Appendix. Brief biographic sketches of authors mentioned in the presentation
Bichat, Xavier (1771-1802). French anatomist and physiologist, considered to be the father of modern histology and pathology. Worked as a surgeon in Lyon and Paris.
Buffon, Georges-Louis (1707-1788). French naturalist, mathematician, biologist, cosmologist and fiction writer, a great influence on Jean-Baptiste Lamarck and Darwin. Darwin, in his foreword to the 6th edition of the Origin of Species, claimed that "the first author who in modern times has treated [natural selection] in a scientific spirit was Buffon". He became member of the French Academy of Science at the age of 27, and since 1737 worked as the keeper of Jardin du Roi (Royal Garden) in Paris.

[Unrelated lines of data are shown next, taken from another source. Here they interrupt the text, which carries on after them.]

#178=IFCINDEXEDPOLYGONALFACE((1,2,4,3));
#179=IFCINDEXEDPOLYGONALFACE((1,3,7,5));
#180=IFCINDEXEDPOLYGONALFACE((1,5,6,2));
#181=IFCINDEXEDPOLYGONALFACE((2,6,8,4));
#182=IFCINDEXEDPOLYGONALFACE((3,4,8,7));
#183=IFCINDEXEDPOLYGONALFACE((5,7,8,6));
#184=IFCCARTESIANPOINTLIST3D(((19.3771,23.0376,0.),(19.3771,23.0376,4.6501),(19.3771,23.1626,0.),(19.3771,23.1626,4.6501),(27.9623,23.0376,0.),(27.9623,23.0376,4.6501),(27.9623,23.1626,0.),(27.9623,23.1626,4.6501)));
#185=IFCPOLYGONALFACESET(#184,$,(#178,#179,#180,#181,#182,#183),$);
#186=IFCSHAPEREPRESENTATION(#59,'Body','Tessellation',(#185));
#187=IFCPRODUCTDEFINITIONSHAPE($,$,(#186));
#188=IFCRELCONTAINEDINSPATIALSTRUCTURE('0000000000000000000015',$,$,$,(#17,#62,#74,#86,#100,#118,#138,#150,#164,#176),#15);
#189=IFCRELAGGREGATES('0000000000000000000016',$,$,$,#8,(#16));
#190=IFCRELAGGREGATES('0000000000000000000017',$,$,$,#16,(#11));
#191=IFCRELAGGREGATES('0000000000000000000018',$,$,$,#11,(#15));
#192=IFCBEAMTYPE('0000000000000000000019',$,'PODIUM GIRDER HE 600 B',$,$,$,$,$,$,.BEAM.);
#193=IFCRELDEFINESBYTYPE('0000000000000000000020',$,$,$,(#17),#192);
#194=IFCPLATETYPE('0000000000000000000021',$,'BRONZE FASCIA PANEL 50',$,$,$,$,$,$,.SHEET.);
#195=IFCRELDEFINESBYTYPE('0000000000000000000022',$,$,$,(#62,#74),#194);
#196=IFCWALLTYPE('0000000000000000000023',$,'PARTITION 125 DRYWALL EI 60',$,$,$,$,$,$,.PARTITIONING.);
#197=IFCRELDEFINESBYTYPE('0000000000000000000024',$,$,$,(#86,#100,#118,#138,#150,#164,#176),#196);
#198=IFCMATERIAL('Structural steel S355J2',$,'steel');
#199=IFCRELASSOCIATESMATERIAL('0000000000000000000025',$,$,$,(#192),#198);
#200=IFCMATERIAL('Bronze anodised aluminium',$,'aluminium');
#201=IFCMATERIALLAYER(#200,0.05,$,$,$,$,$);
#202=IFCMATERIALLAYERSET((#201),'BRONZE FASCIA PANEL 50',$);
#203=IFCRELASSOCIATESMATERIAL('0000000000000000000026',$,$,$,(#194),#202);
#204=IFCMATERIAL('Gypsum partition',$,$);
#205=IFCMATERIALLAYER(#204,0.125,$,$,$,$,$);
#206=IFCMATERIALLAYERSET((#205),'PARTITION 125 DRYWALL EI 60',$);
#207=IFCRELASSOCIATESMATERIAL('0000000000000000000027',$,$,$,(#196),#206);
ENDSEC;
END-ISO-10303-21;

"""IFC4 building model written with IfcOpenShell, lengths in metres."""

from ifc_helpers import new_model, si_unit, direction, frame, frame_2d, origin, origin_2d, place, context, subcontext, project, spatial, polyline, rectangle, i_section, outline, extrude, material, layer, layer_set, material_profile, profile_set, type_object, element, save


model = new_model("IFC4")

Comfort, Alexander (1920-2000). British (Cambridge) physician and gerontologist (a sworn life-extensionist), a poet and a writer. Well known for his anarchist and pacifist views, and most famous for his The Joy of Sex (1972) that played an important role in the so called “sexual revolution”. Comfort’s The Biology of Aging (first published in 1956 and republished several times through 1970) is his major comprehensive treatise on gerontology.
Cutler, Richard G Ph.D. from the University of Houston. Worked as an assistant professor at the Institute for Molecular Biology at the University of Texas at Dallas, was a NIH principle investigator with the Intramural Program of the National Institute on Aging, USA. He also worked as the senior scientist at the Kronos Longevity Research Institute, Phoenix, Arizona, USA.

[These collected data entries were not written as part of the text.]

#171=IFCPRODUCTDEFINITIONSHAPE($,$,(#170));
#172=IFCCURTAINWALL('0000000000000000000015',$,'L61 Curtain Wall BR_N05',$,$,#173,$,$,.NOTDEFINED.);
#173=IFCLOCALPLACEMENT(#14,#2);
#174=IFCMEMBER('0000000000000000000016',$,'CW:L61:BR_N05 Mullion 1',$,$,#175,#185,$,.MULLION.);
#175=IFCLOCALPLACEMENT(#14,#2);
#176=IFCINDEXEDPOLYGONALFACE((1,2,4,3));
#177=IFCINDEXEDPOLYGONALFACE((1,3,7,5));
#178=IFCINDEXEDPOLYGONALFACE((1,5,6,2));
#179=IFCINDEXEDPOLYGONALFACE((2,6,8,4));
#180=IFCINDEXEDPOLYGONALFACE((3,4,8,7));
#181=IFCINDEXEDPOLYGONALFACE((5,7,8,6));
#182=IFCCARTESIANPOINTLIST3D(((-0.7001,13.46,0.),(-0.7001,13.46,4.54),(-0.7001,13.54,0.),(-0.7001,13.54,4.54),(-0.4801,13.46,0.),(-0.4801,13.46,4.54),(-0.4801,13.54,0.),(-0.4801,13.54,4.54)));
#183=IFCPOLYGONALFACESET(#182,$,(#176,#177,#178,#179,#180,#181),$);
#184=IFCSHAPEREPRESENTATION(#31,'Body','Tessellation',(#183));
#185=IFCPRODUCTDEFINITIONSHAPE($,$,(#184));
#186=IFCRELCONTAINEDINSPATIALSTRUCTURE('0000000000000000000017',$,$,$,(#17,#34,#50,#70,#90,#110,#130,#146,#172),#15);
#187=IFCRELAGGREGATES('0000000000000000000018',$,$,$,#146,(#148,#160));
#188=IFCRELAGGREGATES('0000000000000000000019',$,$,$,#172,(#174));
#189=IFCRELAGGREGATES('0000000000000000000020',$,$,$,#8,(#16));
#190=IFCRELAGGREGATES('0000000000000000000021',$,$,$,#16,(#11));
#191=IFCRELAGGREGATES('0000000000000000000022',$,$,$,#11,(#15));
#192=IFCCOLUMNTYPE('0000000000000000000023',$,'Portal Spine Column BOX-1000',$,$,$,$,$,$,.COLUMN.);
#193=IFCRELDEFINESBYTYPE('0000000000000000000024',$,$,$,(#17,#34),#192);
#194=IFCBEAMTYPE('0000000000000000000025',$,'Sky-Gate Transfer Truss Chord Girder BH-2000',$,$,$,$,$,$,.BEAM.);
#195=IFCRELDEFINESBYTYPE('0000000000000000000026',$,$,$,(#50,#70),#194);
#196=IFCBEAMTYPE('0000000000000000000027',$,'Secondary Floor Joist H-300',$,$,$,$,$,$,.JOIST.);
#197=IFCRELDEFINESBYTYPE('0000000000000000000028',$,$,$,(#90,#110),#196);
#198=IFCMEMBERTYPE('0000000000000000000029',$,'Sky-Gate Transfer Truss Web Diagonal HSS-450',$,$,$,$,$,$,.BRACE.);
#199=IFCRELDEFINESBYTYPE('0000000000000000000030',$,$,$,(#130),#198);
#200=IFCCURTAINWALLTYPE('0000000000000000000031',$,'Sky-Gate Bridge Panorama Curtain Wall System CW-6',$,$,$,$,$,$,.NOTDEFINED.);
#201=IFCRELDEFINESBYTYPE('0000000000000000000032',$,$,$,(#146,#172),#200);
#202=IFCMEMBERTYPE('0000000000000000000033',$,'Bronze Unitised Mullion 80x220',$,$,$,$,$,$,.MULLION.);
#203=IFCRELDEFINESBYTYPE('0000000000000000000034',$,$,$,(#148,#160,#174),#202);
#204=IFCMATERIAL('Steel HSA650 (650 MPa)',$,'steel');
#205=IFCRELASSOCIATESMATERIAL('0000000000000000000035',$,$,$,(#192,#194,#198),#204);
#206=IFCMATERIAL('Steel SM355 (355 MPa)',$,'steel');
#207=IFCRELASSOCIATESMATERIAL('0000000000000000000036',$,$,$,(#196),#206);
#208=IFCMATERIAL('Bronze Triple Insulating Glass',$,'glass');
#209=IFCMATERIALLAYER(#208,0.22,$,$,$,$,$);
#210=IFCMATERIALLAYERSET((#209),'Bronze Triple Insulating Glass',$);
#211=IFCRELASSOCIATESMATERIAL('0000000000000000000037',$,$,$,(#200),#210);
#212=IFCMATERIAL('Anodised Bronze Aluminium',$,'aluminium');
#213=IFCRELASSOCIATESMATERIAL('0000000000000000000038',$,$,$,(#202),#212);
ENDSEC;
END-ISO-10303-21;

Cuvier, Georges (1769-1832). French naturalist and zoologist. Made major contributions in comparative anatomy and paleontology, a major proponent of “catastrophism” and opponent of early evolutionary theories.. He was a member of Institut de France, Paris.
Darwin, Charles (1809–1882). The author of the theory of evolution by natural selection (On the Origin of Species by Means of Natural Selection, or the Preservation of Favoured Races in the Struggle for Life, 1859). Worked in Cambridge.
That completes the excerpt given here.